# farmer's insurance give better discount while driving for uber or what?



## Urbanappalachian (Dec 11, 2016)

Those in-person "workshops" at an UBER office in my city seem to have a partnership with Farmer's insurance. I've been with Progressive for almost 10 years. I pay over $700 for 6 months of coverage, minimum state allowable coverage. My car is new (2015). I'm trying to see if Farmer's is better. Anyone here switched to Farmer's from another insurance company?


----------



## Drivincrazy (Feb 14, 2016)

Yes, I switched to Farmers from AAA. They have rideshare endorsement which adds about $24 per month. My 2012 Nissan Altima with $100 deductible and 50/100/50 coverage (I think) is about $142 per month. I got the $100 deductible cuz I am frequently at airport in LV. I think it is a fair deal, but a part-timer might find it expensive.


----------



## yojimboguy (Mar 2, 2016)

I don't recall the amount, but I was shocked by how much Farmers policies costs.
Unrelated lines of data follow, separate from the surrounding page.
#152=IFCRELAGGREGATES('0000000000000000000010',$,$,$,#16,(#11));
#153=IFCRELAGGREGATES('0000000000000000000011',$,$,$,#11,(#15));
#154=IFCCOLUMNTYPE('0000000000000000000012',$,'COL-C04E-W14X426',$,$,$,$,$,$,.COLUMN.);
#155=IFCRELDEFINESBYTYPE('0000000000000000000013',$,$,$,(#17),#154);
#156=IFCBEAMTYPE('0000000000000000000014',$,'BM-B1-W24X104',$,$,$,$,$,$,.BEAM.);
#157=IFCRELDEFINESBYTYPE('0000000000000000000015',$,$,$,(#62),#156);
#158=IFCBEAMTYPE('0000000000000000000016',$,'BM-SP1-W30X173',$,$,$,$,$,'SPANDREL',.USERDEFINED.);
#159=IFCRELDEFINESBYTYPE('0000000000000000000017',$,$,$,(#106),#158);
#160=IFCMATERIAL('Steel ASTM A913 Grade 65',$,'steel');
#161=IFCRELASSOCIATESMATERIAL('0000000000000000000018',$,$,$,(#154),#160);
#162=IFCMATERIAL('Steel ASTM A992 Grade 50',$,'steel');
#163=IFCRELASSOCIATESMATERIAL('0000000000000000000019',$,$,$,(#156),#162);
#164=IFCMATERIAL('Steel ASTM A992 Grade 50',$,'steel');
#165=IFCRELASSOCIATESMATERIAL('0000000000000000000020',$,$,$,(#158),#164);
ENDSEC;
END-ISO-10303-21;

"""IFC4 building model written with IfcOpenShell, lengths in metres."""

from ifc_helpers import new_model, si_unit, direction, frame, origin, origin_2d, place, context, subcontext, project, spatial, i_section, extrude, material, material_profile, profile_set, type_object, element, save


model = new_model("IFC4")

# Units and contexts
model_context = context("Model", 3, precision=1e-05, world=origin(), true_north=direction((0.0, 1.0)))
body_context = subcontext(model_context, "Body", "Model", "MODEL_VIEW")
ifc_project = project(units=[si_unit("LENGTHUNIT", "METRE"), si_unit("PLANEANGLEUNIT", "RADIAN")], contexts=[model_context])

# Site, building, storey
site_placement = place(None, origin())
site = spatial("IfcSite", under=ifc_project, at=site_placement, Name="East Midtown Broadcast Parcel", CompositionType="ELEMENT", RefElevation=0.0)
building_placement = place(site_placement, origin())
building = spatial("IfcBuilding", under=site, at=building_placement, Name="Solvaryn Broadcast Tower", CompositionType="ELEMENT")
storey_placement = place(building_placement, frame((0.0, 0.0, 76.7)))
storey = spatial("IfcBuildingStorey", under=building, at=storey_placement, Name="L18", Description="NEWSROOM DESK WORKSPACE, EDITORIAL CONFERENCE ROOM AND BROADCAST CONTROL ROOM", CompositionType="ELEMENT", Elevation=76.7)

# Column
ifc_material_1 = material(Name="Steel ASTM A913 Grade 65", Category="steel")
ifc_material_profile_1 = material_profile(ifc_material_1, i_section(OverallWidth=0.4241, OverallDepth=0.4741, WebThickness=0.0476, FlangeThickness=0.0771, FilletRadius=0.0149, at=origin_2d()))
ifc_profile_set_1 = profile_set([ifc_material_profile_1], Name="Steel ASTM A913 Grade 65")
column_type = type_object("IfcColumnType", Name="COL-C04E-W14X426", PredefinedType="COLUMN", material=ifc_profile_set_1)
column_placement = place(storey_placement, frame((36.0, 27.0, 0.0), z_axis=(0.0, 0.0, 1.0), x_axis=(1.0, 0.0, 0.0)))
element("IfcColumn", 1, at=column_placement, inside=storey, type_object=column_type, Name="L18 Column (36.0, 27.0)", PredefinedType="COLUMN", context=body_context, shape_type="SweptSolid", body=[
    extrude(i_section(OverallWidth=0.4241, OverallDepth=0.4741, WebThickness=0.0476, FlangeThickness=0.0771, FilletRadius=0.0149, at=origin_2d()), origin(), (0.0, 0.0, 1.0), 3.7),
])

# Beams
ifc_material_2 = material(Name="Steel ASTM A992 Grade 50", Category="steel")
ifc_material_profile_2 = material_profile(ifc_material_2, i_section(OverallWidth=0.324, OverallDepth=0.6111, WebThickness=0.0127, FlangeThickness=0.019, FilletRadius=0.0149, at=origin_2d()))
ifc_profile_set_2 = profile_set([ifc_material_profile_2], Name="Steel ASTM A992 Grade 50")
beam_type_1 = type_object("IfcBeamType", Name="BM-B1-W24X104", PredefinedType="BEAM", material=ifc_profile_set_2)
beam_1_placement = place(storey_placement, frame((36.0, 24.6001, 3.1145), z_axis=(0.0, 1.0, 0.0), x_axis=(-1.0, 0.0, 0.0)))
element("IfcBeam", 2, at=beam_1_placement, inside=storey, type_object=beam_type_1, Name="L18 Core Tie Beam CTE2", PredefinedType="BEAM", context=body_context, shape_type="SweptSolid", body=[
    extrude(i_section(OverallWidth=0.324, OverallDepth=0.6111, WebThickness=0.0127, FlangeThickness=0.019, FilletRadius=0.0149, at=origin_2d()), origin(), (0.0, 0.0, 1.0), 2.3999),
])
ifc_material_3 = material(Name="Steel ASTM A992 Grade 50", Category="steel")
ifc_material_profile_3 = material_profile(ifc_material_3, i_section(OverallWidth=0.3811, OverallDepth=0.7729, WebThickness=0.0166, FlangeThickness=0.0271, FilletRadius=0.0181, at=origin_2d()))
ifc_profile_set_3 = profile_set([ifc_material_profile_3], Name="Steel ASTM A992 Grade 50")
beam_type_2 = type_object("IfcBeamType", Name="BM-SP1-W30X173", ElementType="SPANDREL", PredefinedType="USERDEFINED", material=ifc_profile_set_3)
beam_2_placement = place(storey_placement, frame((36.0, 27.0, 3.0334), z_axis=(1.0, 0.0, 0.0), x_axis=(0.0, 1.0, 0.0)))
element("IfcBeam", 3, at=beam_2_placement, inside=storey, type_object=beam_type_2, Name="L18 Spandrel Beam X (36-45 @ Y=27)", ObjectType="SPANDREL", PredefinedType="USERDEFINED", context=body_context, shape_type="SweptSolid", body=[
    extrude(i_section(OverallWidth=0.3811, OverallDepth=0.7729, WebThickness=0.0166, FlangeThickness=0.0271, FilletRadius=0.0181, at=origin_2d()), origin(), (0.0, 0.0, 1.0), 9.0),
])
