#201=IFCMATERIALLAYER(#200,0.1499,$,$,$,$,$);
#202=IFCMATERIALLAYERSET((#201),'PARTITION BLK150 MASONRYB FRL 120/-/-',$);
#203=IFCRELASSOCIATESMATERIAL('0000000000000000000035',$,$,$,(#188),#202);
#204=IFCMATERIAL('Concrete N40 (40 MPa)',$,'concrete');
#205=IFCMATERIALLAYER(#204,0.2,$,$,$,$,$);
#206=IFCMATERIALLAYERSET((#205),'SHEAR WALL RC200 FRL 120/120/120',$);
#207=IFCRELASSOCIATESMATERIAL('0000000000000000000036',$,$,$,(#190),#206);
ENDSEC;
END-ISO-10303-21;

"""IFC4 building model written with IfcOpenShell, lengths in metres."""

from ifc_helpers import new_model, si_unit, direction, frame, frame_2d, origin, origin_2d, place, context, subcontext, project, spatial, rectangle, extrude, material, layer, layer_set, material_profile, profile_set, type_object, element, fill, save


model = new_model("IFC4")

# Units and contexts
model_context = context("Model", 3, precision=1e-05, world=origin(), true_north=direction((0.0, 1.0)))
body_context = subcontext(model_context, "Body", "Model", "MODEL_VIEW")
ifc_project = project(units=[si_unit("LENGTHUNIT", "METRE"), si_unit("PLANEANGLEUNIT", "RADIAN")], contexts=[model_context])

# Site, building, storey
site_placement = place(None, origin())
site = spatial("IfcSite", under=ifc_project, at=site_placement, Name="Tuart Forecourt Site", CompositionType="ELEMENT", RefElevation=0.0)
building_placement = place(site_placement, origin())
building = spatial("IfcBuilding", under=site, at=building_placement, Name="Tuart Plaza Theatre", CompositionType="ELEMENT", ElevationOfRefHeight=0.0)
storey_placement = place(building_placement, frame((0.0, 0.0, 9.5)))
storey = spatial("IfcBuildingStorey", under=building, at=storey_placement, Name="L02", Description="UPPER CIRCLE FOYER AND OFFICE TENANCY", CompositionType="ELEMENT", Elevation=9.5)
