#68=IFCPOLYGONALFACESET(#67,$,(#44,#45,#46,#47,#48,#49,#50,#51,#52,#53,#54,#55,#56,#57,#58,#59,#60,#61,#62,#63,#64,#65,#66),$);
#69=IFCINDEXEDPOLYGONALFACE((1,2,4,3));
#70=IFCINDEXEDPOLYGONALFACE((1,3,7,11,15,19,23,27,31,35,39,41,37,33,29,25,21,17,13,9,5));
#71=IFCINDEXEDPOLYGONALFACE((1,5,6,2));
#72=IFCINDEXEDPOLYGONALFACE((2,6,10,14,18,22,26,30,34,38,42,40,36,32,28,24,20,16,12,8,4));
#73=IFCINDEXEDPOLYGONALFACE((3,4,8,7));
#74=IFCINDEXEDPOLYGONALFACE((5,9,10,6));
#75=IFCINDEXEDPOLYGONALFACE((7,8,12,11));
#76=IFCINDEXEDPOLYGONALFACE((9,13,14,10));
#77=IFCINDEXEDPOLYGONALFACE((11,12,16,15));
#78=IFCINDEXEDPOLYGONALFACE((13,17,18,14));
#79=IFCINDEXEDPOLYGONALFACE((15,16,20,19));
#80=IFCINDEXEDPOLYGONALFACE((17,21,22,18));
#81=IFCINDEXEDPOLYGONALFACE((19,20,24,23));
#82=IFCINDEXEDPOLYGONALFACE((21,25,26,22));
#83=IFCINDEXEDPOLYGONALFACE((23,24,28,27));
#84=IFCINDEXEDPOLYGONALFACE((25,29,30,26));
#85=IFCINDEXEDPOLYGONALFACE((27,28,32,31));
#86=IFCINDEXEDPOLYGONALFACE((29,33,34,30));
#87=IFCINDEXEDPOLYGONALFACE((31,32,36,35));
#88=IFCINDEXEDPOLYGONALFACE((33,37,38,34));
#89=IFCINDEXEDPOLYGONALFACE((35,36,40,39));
I got coverage from Erie much cheaper.


----------



## MTDave (Jul 30, 2016)

I switched from Allied to Farmers and saved $100.00 for same coverges plus the rideshare endorsement.


----------



## MSUGrad9902 (Jun 8, 2016)

Farmers was higher than what I was paying with Encompass (about 100 extra per month total between two cars and the house) but it offered a rideshare endorsement and that extra payment includes an umbrella policy that we weren't getting before.


----------